Tax Penalities

It has been said there are two things we can’t avoid, death and taxes. There is now a third to add: interest and surcharges when making late submissions of returns to the taxman. The idea of the taxman charging for late returns is a fairly new concept.

“ICTA88/S203 (9) provides that interest on late paid PAYE is not deductible in computing income, profits or losses for any tax purpose. Sub-paragraph 4B of paragraph 6 of Schedule 1 Social Security Contributions and Benefits Act 1992 has the same rule for interest on late paid Class 1, Class 1A and Class 1B NIC”.

In the good old days the taxman didn’t enforce this, he was just happy to get what was due. If it was late or extremely late, they rarely imposed fines or surcharges.

Then government cut-backs started to take hold in 2008 and HMRC like all government departments had its budgets cut. Somebody had a eureka moment and came up with the idea to use the legislation and started issuing penalty notices.

I remember attending a HMRC seminar back in 2010. The tax inspector giving the presentation was up-front about the new strategy of income generation.

Since then the tax office has been cranking up its strategy. It started by issuing late fines of £100, in the early days if appealed they would often be rescinded. Today if a tax return is filed late or not paid on time, a fine is issued includes surcharges or interest and often both as a matter of course. These fines apply to both individuals and businesses and for all forms of tax.

Ignorance of the rules is not a defendable response. Look at the increase in the number of people having to complete self-assessments. Everybody needs to be vigilant, any change in circumstances should be reviewed from a tax perspective - perhaps have that phone call with the tax office.

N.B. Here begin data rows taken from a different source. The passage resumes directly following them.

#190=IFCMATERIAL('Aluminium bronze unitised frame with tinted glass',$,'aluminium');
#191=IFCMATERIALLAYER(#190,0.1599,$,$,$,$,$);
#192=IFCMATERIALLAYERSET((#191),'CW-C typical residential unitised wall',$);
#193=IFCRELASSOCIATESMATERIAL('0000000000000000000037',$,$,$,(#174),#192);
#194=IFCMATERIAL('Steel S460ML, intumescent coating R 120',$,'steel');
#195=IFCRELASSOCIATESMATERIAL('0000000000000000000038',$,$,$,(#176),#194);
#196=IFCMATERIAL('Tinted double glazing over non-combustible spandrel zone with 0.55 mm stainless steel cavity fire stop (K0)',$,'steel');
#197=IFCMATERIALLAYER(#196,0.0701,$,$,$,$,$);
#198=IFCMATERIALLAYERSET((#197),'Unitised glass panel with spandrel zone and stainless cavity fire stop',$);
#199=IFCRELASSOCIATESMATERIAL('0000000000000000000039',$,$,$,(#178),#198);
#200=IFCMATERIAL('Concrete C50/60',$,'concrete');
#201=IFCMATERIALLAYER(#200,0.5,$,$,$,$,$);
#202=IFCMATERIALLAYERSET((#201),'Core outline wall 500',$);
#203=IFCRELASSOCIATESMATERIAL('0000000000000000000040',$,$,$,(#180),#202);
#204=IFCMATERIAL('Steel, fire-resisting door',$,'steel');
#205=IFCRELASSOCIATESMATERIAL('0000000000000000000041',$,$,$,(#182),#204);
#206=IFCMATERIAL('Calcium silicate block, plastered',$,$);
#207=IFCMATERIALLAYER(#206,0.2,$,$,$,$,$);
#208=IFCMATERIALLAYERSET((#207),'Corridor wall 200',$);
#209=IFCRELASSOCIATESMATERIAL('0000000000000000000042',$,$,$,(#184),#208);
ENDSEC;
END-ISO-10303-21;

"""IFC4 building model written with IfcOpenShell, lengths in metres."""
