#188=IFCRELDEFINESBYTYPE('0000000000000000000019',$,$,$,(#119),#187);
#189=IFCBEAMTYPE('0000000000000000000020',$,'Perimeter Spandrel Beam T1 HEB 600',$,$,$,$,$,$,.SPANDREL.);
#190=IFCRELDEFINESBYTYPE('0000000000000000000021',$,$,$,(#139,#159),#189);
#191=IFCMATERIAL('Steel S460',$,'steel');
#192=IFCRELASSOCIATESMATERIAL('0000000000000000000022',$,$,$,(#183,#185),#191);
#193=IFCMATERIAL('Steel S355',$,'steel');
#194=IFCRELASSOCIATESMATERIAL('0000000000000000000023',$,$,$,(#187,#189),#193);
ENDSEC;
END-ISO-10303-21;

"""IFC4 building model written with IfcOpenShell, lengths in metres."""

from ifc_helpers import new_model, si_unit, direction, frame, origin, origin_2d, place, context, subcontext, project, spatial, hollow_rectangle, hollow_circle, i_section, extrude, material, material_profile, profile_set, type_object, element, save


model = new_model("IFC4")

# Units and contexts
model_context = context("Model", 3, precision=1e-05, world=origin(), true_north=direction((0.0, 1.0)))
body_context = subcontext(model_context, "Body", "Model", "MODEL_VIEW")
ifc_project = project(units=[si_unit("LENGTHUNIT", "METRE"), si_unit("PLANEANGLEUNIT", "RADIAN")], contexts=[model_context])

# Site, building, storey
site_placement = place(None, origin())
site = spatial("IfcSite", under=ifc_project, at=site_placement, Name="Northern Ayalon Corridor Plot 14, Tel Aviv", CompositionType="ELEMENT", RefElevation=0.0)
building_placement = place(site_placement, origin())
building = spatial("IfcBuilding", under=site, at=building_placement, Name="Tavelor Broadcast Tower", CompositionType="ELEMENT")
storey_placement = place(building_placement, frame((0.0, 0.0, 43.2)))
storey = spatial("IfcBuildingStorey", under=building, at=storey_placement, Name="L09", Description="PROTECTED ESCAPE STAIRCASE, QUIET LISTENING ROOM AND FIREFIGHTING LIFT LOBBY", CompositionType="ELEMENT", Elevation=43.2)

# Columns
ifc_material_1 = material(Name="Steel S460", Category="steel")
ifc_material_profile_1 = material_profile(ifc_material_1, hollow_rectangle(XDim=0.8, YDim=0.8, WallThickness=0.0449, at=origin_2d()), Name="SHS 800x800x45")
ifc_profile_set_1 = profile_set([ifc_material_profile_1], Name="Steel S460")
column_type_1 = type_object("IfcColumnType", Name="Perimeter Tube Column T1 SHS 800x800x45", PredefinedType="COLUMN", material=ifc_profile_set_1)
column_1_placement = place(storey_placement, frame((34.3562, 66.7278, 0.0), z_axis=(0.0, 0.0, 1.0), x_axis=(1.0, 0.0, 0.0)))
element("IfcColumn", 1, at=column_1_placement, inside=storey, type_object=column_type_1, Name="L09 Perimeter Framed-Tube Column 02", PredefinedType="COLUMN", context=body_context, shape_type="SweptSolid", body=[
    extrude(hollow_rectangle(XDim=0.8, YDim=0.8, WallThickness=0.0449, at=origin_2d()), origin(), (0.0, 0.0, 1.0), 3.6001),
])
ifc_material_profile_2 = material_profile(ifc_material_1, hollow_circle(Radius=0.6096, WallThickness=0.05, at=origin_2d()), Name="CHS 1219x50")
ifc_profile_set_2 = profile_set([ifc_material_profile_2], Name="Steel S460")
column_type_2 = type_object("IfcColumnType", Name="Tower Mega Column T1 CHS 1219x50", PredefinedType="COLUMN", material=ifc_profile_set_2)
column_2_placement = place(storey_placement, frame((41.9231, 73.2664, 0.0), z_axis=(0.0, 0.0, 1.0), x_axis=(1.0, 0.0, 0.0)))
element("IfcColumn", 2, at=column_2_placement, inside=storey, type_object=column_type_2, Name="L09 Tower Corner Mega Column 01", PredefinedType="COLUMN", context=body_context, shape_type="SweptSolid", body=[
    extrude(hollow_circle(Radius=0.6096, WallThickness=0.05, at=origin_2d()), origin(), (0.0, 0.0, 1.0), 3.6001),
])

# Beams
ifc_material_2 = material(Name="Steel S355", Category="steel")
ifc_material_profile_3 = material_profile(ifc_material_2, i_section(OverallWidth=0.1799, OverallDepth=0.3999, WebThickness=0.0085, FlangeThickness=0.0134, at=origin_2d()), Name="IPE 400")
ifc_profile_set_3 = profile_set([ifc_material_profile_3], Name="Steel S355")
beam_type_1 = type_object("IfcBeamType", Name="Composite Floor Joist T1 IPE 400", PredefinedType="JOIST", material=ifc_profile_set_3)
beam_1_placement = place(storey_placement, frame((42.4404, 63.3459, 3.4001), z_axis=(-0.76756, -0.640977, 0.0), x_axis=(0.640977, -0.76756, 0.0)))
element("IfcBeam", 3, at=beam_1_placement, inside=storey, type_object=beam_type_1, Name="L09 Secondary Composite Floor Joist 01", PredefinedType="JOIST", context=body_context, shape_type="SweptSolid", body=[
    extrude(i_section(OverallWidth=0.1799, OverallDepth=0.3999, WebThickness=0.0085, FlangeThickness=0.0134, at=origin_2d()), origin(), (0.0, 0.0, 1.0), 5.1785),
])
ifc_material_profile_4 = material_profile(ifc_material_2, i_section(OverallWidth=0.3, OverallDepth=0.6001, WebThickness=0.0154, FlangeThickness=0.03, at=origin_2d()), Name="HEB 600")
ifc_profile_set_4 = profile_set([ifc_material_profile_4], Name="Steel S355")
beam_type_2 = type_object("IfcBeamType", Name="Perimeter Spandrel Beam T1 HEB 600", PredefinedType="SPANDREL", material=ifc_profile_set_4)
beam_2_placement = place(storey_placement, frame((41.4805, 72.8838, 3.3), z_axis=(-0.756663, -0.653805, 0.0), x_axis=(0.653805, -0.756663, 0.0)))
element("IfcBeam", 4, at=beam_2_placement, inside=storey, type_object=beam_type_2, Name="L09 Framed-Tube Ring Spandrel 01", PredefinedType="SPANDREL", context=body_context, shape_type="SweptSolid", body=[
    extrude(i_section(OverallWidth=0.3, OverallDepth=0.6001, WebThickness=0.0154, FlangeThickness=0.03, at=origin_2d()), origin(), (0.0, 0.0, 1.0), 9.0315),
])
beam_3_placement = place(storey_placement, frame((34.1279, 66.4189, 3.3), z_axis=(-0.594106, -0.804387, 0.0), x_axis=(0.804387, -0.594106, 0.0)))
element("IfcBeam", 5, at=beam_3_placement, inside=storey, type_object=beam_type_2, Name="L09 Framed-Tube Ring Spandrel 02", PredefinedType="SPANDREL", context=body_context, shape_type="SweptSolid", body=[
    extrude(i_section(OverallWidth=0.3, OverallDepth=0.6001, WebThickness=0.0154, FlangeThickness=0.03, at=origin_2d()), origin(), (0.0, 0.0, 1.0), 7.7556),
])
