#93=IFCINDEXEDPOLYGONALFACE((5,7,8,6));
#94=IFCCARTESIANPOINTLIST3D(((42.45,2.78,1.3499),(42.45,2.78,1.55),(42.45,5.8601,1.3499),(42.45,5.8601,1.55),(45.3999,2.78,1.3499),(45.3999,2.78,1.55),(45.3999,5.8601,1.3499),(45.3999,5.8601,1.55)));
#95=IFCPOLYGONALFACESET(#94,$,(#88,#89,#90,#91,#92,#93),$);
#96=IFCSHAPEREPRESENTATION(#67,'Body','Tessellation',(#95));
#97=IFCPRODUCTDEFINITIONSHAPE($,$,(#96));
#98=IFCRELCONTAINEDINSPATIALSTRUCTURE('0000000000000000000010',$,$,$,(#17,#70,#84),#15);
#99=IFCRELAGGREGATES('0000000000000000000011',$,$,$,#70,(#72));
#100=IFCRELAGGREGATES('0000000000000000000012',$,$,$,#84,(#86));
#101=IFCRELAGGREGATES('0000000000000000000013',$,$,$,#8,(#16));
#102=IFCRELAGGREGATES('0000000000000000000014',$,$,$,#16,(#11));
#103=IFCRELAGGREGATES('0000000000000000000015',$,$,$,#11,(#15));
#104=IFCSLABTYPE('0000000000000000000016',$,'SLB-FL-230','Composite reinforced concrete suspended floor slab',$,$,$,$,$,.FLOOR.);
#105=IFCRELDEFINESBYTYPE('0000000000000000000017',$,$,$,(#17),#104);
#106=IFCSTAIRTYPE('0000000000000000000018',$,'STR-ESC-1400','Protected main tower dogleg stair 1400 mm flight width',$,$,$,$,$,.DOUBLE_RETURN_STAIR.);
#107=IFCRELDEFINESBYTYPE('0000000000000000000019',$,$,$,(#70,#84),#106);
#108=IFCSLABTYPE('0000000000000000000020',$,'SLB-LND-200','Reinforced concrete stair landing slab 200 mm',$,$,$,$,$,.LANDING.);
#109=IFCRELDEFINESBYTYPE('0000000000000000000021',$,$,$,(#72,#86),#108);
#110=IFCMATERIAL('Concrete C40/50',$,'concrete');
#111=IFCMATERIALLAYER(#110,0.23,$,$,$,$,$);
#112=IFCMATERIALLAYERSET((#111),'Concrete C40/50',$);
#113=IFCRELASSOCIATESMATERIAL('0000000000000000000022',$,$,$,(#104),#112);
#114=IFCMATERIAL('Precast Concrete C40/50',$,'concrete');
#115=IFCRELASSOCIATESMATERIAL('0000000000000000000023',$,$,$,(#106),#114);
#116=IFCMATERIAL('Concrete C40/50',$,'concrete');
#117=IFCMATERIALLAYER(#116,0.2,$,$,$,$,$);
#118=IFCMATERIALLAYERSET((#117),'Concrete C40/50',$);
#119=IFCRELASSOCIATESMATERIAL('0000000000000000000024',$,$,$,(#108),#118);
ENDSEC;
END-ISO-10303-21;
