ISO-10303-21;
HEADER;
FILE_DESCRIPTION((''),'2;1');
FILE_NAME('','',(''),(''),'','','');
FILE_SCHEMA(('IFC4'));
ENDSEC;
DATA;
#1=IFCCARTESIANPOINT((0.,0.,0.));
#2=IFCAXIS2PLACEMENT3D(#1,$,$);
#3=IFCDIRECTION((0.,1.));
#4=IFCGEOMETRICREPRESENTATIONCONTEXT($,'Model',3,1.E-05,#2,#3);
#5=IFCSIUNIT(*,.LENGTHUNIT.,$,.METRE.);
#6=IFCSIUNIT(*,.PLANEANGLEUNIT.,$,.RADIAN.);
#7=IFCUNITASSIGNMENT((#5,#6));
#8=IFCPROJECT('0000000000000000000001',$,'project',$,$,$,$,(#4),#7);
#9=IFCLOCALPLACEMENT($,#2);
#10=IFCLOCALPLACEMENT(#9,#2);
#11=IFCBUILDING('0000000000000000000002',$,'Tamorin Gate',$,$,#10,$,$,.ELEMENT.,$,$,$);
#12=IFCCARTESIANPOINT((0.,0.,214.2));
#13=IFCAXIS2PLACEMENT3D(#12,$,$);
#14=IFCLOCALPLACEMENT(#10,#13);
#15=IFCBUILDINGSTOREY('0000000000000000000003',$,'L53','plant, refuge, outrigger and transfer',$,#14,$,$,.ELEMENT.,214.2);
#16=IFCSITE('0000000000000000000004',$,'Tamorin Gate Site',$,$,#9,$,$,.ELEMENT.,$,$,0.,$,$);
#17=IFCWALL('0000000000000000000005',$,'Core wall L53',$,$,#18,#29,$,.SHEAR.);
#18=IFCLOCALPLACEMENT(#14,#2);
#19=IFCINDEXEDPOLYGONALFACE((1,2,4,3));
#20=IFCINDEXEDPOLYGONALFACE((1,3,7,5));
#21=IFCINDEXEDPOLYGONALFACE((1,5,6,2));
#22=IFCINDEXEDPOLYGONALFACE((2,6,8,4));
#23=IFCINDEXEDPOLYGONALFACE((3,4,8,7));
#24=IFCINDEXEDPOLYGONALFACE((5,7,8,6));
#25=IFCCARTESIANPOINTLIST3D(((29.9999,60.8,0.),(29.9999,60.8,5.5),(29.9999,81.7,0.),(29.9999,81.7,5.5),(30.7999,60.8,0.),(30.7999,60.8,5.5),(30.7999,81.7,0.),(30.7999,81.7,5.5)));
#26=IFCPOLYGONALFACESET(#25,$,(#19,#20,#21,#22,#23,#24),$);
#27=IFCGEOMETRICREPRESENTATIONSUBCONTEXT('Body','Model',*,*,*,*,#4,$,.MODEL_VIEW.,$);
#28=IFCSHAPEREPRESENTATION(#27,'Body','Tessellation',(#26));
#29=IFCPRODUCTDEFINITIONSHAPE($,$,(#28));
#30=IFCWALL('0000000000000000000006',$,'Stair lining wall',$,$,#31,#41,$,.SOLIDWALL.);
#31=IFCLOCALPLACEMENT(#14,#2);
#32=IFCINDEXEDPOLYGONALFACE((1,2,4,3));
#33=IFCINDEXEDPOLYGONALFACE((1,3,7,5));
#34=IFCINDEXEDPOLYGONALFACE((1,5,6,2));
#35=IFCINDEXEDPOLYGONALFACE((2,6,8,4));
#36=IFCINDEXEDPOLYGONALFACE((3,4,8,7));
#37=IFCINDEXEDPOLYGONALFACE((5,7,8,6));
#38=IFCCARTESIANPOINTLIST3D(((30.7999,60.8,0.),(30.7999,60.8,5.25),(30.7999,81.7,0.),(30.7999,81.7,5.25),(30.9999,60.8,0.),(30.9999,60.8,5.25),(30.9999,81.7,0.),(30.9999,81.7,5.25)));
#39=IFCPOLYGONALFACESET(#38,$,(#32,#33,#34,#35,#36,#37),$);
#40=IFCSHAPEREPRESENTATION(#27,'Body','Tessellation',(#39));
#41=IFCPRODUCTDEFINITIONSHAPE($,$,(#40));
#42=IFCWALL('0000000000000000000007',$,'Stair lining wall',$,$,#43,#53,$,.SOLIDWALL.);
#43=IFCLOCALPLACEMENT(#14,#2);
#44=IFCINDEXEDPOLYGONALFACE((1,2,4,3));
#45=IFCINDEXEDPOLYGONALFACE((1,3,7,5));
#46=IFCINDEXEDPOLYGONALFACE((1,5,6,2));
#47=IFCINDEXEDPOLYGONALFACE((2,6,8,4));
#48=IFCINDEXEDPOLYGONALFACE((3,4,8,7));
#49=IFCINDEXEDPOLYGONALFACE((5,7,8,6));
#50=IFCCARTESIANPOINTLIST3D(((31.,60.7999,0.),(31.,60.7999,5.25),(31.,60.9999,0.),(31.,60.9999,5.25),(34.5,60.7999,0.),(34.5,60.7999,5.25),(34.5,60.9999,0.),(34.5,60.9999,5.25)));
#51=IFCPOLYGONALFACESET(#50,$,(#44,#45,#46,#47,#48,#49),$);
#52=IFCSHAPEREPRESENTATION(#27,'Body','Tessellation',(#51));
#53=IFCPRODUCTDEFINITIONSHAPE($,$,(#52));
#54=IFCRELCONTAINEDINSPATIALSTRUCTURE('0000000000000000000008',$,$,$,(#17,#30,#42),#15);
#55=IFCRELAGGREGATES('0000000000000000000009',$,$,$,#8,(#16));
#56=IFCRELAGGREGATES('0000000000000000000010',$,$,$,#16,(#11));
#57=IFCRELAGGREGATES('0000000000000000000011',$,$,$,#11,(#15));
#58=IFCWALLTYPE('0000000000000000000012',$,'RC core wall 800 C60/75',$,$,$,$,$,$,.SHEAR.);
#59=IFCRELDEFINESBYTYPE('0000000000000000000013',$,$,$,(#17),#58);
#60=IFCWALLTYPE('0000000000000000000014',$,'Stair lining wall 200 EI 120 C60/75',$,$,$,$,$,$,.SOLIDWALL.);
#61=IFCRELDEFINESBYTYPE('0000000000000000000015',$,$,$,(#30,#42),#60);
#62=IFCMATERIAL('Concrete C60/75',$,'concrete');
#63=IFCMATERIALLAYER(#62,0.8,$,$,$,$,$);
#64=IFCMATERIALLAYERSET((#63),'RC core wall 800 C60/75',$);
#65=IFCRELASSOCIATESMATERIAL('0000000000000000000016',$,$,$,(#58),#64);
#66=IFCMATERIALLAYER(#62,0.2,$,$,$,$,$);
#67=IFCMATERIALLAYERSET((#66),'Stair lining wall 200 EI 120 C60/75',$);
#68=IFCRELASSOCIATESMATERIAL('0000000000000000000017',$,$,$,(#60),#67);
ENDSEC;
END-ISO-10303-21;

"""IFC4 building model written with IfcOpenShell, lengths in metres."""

from ifc_helpers import new_model, si_unit, direction, frame, frame_2d, origin, place, context, subcontext, project, spatial, rectangle, extrude, material, layer, layer_set, type_object, element, save


model = new_model("IFC4")

# Units and contexts
model_context = context("Model", 3, precision=1e-05, world=origin(), true_north=direction((0.0, 1.0)))
body_context = subcontext(model_context, "Body", "Model", "MODEL_VIEW")
ifc_project = project(units=[si_unit("LENGTHUNIT", "METRE"), si_unit("PLANEANGLEUNIT", "RADIAN")], contexts=[model_context])

# Site, building, storey
site_placement = place(None, origin())
site = spatial("IfcSite", under=ifc_project, at=site_placement, Name="Tamorin Gate Site", CompositionType="ELEMENT", RefElevation=0.0)
building_placement = place(site_placement, origin())
building = spatial("IfcBuilding", under=site, at=building_placement, Name="Tamorin Gate", CompositionType="ELEMENT")
storey_placement = place(building_placement, frame((0.0, 0.0, 214.2)))
storey = spatial("IfcBuildingStorey", under=building, at=storey_placement, Name="L53", Description="plant, refuge, outrigger and transfer", CompositionType="ELEMENT", Elevation=214.2)

# Shared definitions
ifc_material_1 = material(Name="Concrete C60/75", Category="concrete")

# Shared definitions
ifc_layer_1 = layer(ifc_material_1, 0.8)
ifc_layer_set_1 = layer_set([ifc_layer_1], Name="RC core wall 800 C60/75")
wall_type_1 = type_object("IfcWallType", Name="RC core wall 800 C60/75", PredefinedType="SHEAR", material=ifc_layer_set_1)

# Walls
wall_1_placement = place(storey_placement, frame((30.3999, 60.8, 0.0), z_axis=(0.0, 0.0, 1.0), x_axis=(0.0, 1.0, 0.0)))
element("IfcWall", 1, at=wall_1_placement, inside=storey, type_object=wall_type_1, Name="Core wall L53", PredefinedType="SHEAR", context=body_context, shape_type="SweptSolid", body=[
    extrude(rectangle(XDim=20.8999, YDim=0.8, at=frame_2d((10.45, 0.0))), origin(), (0.0, 0.0, 1.0), 5.5),
])
ifc_layer_2 = layer(ifc_material_1, 0.2)
ifc_layer_set_2 = layer_set([ifc_layer_2], Name="Stair lining wall 200 EI 120 C60/75")
wall_type_2 = type_object("IfcWallType", Name="Stair lining wall 200 EI 120 C60/75", PredefinedType="SOLIDWALL", material=ifc_layer_set_2)
wall_2_placement = place(storey_placement, frame((30.8999, 60.8, 0.0), z_axis=(0.0, 0.0, 1.0), x_axis=(0.0, 1.0, 0.0)))
element("IfcWall", 2, at=wall_2_placement, inside=storey, type_object=wall_type_2, Name="Stair lining wall", PredefinedType="SOLIDWALL", context=body_context, shape_type="SweptSolid", body=[
    extrude(rectangle(XDim=20.8999, YDim=0.2, at=frame_2d((10.45, 0.0))), origin(), (0.0, 0.0, 1.0), 5.25),
])
wall_3_placement = place(storey_placement, frame((31.0, 60.8999, 0.0), z_axis=(0.0, 0.0, 1.0), x_axis=(1.0, 0.0, 0.0)))
element("IfcWall", 3, at=wall_3_placement, inside=storey, type_object=wall_type_2, Name="Stair lining wall", PredefinedType="SOLIDWALL", context=body_context, shape_type="SweptSolid", body=[
    extrude(rectangle(XDim=3.5, YDim=0.2, at=frame_2d((1.75, 0.0))), origin(), (0.0, 0.0, 1.0), 5.25),
])

save(model, "model.ifc")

Appealing is not always straightforward nor does it automatically have the desired effect of HMRC reversing its position.

We have had two successful appeals recently. The first was for a self-assessment fine of £1,200. The other was for Class 2 NIC demand. This was rather nasty where the debt recovery department wanted six years of payments amounting to almost £700 we negotiated a settlement of £120.

So what can you expect to pay if you’re late?

It depends on the type of tax due, but expect to pay at least 3% interest whereas if you are eligible, HMRC pays interest of 0.5% (tax free!!!)

You can also look forward to receiving penalties which vary depending on the severity; suffice to say it’s expensive.

On a separate blog there is a list of these penalties. If you’re late with any tax returns from 1 April 2010, penalties will apply to the following taxes and duties:

  • Betting and Gaming Duties
  • Capital Gains Tax
  • the Construction Industry Scheme
  • Corporation Tax
  • Environmental taxes
  • Excise Duties
  • Income Tax
  • Inheritance Tax
  • Insurance Premium Tax
  • National Insurance Contributions
  • PAYE
  • Petroleum Revenue Tax
  • Stamp Duties
  • VAT

A couple of final points, if you have a tax bill and are not in a position to pay, HMRC can be accommodating. We have assisted many clients over the years and can speak on your behalf.

Any fines or interest imposed are deemed to be non-deductible for the purposes of completing any tax return.